Uterine smooth muscle tumours of uncertain malignant potential: single-centre experience and review of the literature.Prz Menopauzalny. 2020 Mar; 19(1):30-34.PM
Uterine smooth muscle tumours of uncertain malignant potential (STUMPs) are a rare histologically heterogeneous group of uterine smooth muscle tumours (SMTs). Their malignant potential and clinical differentiation between leiomyoma and leiomyosarcoma remain uncertain prior to surgical removal.
Aim of the study
To investigate the patients and tumour characteristics of patients with STUMPs and to propose algorithms for optimal diagnosis, treatment, and follow-up management.
Material and methods
This was a single-centre retrospective cohort study of all patients who underwent surgery for a preoperative diagnosis of uterine myoma at the University Hospital "Dr. Georgi Stranski", Pleven, Bulgaria during a period of 33 months (from January 2013 until October 2015). Data were obtained from the medical history records. We performed descriptive analysis to characterise the patient population (e.g. demographics, age, contraceptive use, and complaints that led to the diagnosis) and the tumour characteristics. Last data were obtained prior May 2019.

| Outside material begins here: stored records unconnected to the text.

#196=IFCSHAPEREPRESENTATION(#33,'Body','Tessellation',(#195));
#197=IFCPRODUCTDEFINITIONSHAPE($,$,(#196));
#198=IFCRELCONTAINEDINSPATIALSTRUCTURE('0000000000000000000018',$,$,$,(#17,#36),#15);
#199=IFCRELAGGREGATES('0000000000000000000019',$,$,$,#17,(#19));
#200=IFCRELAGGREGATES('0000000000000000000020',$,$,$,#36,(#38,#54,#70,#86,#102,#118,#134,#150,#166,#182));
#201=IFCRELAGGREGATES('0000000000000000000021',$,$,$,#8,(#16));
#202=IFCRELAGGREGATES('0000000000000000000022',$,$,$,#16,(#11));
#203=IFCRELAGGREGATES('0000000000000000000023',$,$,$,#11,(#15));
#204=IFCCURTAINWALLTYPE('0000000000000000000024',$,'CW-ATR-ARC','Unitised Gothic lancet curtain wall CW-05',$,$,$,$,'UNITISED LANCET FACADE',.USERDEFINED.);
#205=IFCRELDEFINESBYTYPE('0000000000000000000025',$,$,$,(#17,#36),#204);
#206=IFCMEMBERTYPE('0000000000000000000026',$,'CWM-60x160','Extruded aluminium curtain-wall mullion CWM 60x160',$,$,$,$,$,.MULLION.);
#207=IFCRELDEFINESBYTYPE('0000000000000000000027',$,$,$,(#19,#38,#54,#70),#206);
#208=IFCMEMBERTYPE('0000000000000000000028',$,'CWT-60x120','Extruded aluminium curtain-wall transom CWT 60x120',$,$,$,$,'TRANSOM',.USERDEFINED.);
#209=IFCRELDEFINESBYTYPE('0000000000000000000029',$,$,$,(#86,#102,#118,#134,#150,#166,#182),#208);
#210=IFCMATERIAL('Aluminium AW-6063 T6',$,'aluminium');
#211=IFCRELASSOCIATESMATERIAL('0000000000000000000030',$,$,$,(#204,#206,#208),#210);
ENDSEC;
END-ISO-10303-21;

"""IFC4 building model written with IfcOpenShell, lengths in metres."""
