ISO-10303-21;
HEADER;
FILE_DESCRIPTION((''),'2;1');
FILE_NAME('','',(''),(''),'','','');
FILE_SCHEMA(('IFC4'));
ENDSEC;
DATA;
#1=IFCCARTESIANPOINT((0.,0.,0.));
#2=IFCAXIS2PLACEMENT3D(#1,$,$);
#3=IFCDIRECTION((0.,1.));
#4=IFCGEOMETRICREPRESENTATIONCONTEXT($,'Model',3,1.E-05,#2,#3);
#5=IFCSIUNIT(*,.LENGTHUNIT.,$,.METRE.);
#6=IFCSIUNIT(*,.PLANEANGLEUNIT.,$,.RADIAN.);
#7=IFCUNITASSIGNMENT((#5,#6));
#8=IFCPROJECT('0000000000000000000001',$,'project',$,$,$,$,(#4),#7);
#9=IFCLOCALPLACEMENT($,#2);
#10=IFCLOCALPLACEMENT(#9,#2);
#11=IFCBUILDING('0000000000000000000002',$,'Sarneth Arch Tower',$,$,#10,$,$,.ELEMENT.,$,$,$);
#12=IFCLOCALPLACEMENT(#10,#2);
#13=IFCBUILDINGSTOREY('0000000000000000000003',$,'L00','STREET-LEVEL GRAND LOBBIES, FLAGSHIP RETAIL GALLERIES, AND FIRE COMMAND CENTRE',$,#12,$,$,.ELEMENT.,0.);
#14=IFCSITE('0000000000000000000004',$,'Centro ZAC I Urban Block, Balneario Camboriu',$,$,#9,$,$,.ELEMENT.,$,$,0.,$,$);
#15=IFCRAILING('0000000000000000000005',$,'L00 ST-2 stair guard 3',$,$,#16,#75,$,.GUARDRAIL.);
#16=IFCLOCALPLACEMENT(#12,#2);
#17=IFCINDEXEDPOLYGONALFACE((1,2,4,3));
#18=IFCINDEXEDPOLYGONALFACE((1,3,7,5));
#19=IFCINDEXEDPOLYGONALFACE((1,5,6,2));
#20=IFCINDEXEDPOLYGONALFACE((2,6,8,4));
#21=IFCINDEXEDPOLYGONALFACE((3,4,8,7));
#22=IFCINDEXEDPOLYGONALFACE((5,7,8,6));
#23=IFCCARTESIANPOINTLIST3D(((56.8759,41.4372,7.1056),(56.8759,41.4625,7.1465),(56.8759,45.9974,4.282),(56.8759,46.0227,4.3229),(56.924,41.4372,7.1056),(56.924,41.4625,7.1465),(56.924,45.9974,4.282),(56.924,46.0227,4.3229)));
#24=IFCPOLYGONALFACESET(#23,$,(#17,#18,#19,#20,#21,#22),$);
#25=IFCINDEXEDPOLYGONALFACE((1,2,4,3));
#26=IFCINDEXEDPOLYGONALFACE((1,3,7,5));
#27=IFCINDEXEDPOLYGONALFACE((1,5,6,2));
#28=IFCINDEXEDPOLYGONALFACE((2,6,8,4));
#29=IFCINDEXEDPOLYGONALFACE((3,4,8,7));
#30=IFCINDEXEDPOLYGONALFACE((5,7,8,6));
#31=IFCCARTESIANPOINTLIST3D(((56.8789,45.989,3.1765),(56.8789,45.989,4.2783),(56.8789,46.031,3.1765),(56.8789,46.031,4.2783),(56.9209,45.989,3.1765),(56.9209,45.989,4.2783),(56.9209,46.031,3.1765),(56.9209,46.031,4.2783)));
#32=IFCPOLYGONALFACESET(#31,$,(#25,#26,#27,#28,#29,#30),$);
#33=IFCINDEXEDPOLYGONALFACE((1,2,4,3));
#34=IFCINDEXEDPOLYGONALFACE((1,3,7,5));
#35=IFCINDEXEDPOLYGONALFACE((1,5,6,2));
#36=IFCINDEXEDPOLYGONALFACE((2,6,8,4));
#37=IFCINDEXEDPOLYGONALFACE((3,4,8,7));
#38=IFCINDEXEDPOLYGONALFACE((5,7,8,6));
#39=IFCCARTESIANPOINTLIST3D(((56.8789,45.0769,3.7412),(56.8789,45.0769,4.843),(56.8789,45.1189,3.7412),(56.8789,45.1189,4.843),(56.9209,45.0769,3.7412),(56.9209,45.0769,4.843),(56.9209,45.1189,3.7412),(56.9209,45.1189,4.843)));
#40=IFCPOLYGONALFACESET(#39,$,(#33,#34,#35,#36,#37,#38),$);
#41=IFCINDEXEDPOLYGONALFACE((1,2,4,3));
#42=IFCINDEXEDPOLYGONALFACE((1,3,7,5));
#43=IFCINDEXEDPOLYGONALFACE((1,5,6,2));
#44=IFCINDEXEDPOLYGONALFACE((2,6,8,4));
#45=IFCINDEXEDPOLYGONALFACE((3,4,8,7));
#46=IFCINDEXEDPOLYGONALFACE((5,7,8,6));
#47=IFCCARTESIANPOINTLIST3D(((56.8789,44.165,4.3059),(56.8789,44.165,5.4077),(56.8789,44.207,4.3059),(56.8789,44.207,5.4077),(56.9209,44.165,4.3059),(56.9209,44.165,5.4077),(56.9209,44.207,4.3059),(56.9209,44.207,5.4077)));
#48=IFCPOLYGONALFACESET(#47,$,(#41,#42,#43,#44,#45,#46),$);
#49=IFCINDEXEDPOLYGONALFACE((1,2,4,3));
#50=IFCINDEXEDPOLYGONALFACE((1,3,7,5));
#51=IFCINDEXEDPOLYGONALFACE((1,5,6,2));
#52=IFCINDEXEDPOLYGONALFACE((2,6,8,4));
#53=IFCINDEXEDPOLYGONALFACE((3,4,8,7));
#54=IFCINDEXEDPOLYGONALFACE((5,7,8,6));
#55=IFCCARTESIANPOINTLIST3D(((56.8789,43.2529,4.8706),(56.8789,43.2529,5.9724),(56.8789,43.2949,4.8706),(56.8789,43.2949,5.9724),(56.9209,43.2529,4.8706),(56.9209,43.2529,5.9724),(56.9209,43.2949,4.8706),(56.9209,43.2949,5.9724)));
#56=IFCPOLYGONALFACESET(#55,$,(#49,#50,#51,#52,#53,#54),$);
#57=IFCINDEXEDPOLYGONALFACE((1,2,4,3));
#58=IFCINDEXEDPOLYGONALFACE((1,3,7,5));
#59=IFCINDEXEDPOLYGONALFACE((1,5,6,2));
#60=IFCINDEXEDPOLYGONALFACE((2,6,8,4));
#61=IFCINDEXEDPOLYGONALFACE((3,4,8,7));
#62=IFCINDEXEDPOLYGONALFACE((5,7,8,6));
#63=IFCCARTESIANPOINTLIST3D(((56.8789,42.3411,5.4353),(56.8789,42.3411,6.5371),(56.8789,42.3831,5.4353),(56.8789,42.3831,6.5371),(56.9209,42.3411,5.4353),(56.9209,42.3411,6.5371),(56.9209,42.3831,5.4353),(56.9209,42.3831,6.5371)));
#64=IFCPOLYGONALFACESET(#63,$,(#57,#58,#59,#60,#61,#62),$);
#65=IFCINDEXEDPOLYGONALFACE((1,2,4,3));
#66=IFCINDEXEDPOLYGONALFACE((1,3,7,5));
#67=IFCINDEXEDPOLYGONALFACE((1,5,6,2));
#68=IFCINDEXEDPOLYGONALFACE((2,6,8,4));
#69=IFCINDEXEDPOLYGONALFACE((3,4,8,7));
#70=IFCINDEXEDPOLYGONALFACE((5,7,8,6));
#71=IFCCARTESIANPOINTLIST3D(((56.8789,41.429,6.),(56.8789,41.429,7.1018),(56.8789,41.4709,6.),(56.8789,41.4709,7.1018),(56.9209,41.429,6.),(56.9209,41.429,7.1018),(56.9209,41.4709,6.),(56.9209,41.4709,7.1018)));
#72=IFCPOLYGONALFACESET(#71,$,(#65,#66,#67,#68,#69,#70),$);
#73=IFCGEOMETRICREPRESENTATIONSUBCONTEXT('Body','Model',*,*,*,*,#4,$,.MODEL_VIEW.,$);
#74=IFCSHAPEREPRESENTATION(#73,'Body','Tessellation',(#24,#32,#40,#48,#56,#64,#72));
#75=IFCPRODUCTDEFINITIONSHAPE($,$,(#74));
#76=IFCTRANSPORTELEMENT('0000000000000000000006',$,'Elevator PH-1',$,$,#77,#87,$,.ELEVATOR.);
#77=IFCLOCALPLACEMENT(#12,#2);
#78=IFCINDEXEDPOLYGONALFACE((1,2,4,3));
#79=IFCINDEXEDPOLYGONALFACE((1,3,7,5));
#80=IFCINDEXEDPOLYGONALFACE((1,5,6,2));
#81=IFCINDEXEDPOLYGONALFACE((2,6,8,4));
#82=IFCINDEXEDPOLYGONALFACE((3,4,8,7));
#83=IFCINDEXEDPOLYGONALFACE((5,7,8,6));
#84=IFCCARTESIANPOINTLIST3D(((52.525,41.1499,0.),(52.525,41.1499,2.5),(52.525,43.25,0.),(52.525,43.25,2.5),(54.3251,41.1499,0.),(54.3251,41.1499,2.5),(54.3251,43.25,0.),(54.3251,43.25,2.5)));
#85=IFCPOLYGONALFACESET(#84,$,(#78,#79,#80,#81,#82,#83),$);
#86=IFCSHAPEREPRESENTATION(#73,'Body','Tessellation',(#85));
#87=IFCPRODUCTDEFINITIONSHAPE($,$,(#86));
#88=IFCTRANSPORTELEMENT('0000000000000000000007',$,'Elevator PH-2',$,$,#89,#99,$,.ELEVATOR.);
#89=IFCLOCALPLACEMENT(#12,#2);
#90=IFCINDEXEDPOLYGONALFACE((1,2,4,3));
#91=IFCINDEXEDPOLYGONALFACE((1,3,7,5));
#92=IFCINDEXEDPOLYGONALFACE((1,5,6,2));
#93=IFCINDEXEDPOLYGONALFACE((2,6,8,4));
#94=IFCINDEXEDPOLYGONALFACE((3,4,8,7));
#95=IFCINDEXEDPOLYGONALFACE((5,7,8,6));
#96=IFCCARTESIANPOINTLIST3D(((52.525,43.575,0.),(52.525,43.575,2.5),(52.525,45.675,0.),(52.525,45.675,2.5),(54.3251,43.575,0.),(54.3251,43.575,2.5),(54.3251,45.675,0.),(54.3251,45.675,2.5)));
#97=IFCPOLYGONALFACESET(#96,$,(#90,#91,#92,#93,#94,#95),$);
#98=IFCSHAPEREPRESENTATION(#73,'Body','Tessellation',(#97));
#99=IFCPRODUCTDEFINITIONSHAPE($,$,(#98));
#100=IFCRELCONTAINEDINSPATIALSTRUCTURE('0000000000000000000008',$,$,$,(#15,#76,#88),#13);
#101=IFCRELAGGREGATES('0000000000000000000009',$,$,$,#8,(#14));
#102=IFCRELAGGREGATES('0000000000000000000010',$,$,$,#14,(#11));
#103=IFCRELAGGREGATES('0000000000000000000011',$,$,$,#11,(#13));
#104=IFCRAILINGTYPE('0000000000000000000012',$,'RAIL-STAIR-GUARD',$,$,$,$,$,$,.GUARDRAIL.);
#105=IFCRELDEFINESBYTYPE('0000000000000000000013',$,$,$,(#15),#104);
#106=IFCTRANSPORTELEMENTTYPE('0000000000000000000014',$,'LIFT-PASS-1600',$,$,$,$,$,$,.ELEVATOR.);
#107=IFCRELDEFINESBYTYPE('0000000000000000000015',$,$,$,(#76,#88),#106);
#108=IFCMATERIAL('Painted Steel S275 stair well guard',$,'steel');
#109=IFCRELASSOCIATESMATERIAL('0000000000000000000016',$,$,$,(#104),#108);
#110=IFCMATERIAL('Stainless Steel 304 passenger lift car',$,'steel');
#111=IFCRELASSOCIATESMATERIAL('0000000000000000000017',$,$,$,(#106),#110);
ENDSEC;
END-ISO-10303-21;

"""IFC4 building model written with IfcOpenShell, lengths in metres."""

from ifc_helpers import new_model, si_unit, direction, frame, origin, origin_2d, place, context, subcontext, project, spatial, rectangle, extrude, material, type_object, element, save


model = new_model("IFC4")

# Units and contexts
model_context = context("Model", 3, precision=1e-05, world=origin(), true_north=direction((0.0, 1.0)))
body_context = subcontext(model_context, "Body", "Model", "MODEL_VIEW")
ifc_project = project(units=[si_unit("LENGTHUNIT", "METRE"), si_unit("PLANEANGLEUNIT", "RADIAN")], contexts=[model_context])

# Site, building, storey
site_placement = place(None, origin())
site = spatial("IfcSite", under=ifc_project, at=site_placement, Name="Centro ZAC I Urban Block, Balneario Camboriu", CompositionType="ELEMENT", RefElevation=0.0)
building_placement = place(site_placement, origin())
building = spatial("IfcBuilding", under=site, at=building_placement, Name="Sarneth Arch Tower", CompositionType="ELEMENT")
storey_placement = place(building_placement, origin())
storey = spatial("IfcBuildingStorey", under=building, at=storey_placement, Name="L00", Description="STREET-LEVEL GRAND LOBBIES, FLAGSHIP RETAIL GALLERIES, AND FIRE COMMAND CENTRE", CompositionType="ELEMENT", Elevation=0.0)

# Railing
ifc_material_1 = material(Name="Painted Steel S275 stair well guard", Category="steel")
railing_type_1 = type_object("IfcRailingType", Name="RAIL-STAIR-GUARD", PredefinedType="GUARDRAIL", material=ifc_material_1)
railing_1_placement = place(storey_placement, frame((56.8999, 46.01, 3.1765)))
element("IfcRailing", 1, at=railing_1_placement, inside=storey, type_object=railing_type_1, Name="L00 ST-2 stair guard 3", PredefinedType="GUARDRAIL", context=body_context, shape_type="SweptSolid", body=[
    extrude(rectangle(XDim=0.0481, YDim=0.0481, at=origin_2d()), frame((0.0, 0.0, 1.126), z_axis=(0.0, -0.850216, 0.526435), x_axis=(1.0, 0.0, 0.0)), (0.0, 0.0, 1.0), 5.3635),
    extrude(rectangle(XDim=0.042, YDim=0.042, at=origin_2d()), origin(), (0.0, 0.0, 1.0), 1.1018),
    extrude(rectangle(XDim=0.042, YDim=0.042, at=origin_2d()), frame((0.0, -0.9121, 0.5647)), (0.0, 0.0, 1.0), 1.1018),
    extrude(rectangle(XDim=0.042, YDim=0.042, at=origin_2d()), frame((0.0, -1.824, 1.1294)), (0.0, 0.0, 1.0), 1.1018),
    extrude(rectangle(XDim=0.042, YDim=0.042, at=origin_2d()), frame((0.0, -2.7361, 1.6941)), (0.0, 0.0, 1.0), 1.1018),
    extrude(rectangle(XDim=0.042, YDim=0.042, at=origin_2d()), frame((0.0, -3.6479, 2.2588)), (0.0, 0.0, 1.0), 1.1018),
    extrude(rectangle(XDim=0.042, YDim=0.042, at=origin_2d()), frame((0.0, -4.5601, 2.8235)), (0.0, 0.0, 1.0), 1.1018),
])

# Transport elements
ifc_material_2 = material(Name="Stainless Steel 304 passenger lift car", Category="steel")
transport_element_type = type_object("IfcTransportElementType", Name="LIFT-PASS-1600", PredefinedType="ELEVATOR", material=ifc_material_2)
for number, where, z_axis, x_axis, name in (
    (2, (53.425, 42.2, 0.0), (0.0, 0.0, 1.0), (1.0, 0.0, 0.0), "Elevator PH-1"),
    (3, (53.425, 44.625, 0.0), (0.0, 0.0, 1.0), (1.0, 0.0, 0.0), "Elevator PH-2"),
):
    element("IfcTransportElement", number, at=place(storey_placement, frame(where, z_axis=z_axis, x_axis=x_axis)), inside=storey, type_object=transport_element_type, Name=name, PredefinedType="ELEVATOR", context=body_context, shape_type="SweptSolid", body=[
        extrude(rectangle(XDim=1.8, YDim=2.1001, at=origin_2d()), origin(), (0.0, 0.0, 1.0), 2.5),
    ])

save(model, "model.ifc")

A total of 320 medical records were retrospectively evaluated. The preoperative diagnosis of myoma was confirmed in 279 of the cases (89.4%). In 27 (8.3%) cases the final histological result was completely different. In 14 (2.3%) a histological postoperative diagnosis of STUMP was identified. All 14 STUMP lesions were intramural with a median size of 7.5 cm (range 3.5 to 15 cm). The median age at diagnosis of STUMP was 45.4 years (range 36 to 52 years), and 92.9% (n = 13) of the patients were premenopausal. Ultrasound data of a rapidly growing myoma were a reason for diagnosis in only three patients (25%), whereas 92.9% of the patients (n = 13) presented with heavy menstrual bleeding with or without anaemia. After surgery, none of the patients with STUMP experienced a relapse of the disease within the median follow-up time of 48 months (R = 40-78).
STUMP tumours are rare tumours, predominantly diagnosed in premenopausal women. They define a group of patients with very good long-term prognosis. Therefore, longer follow-up is needed to allow for conclusions on recurrence rate and survival.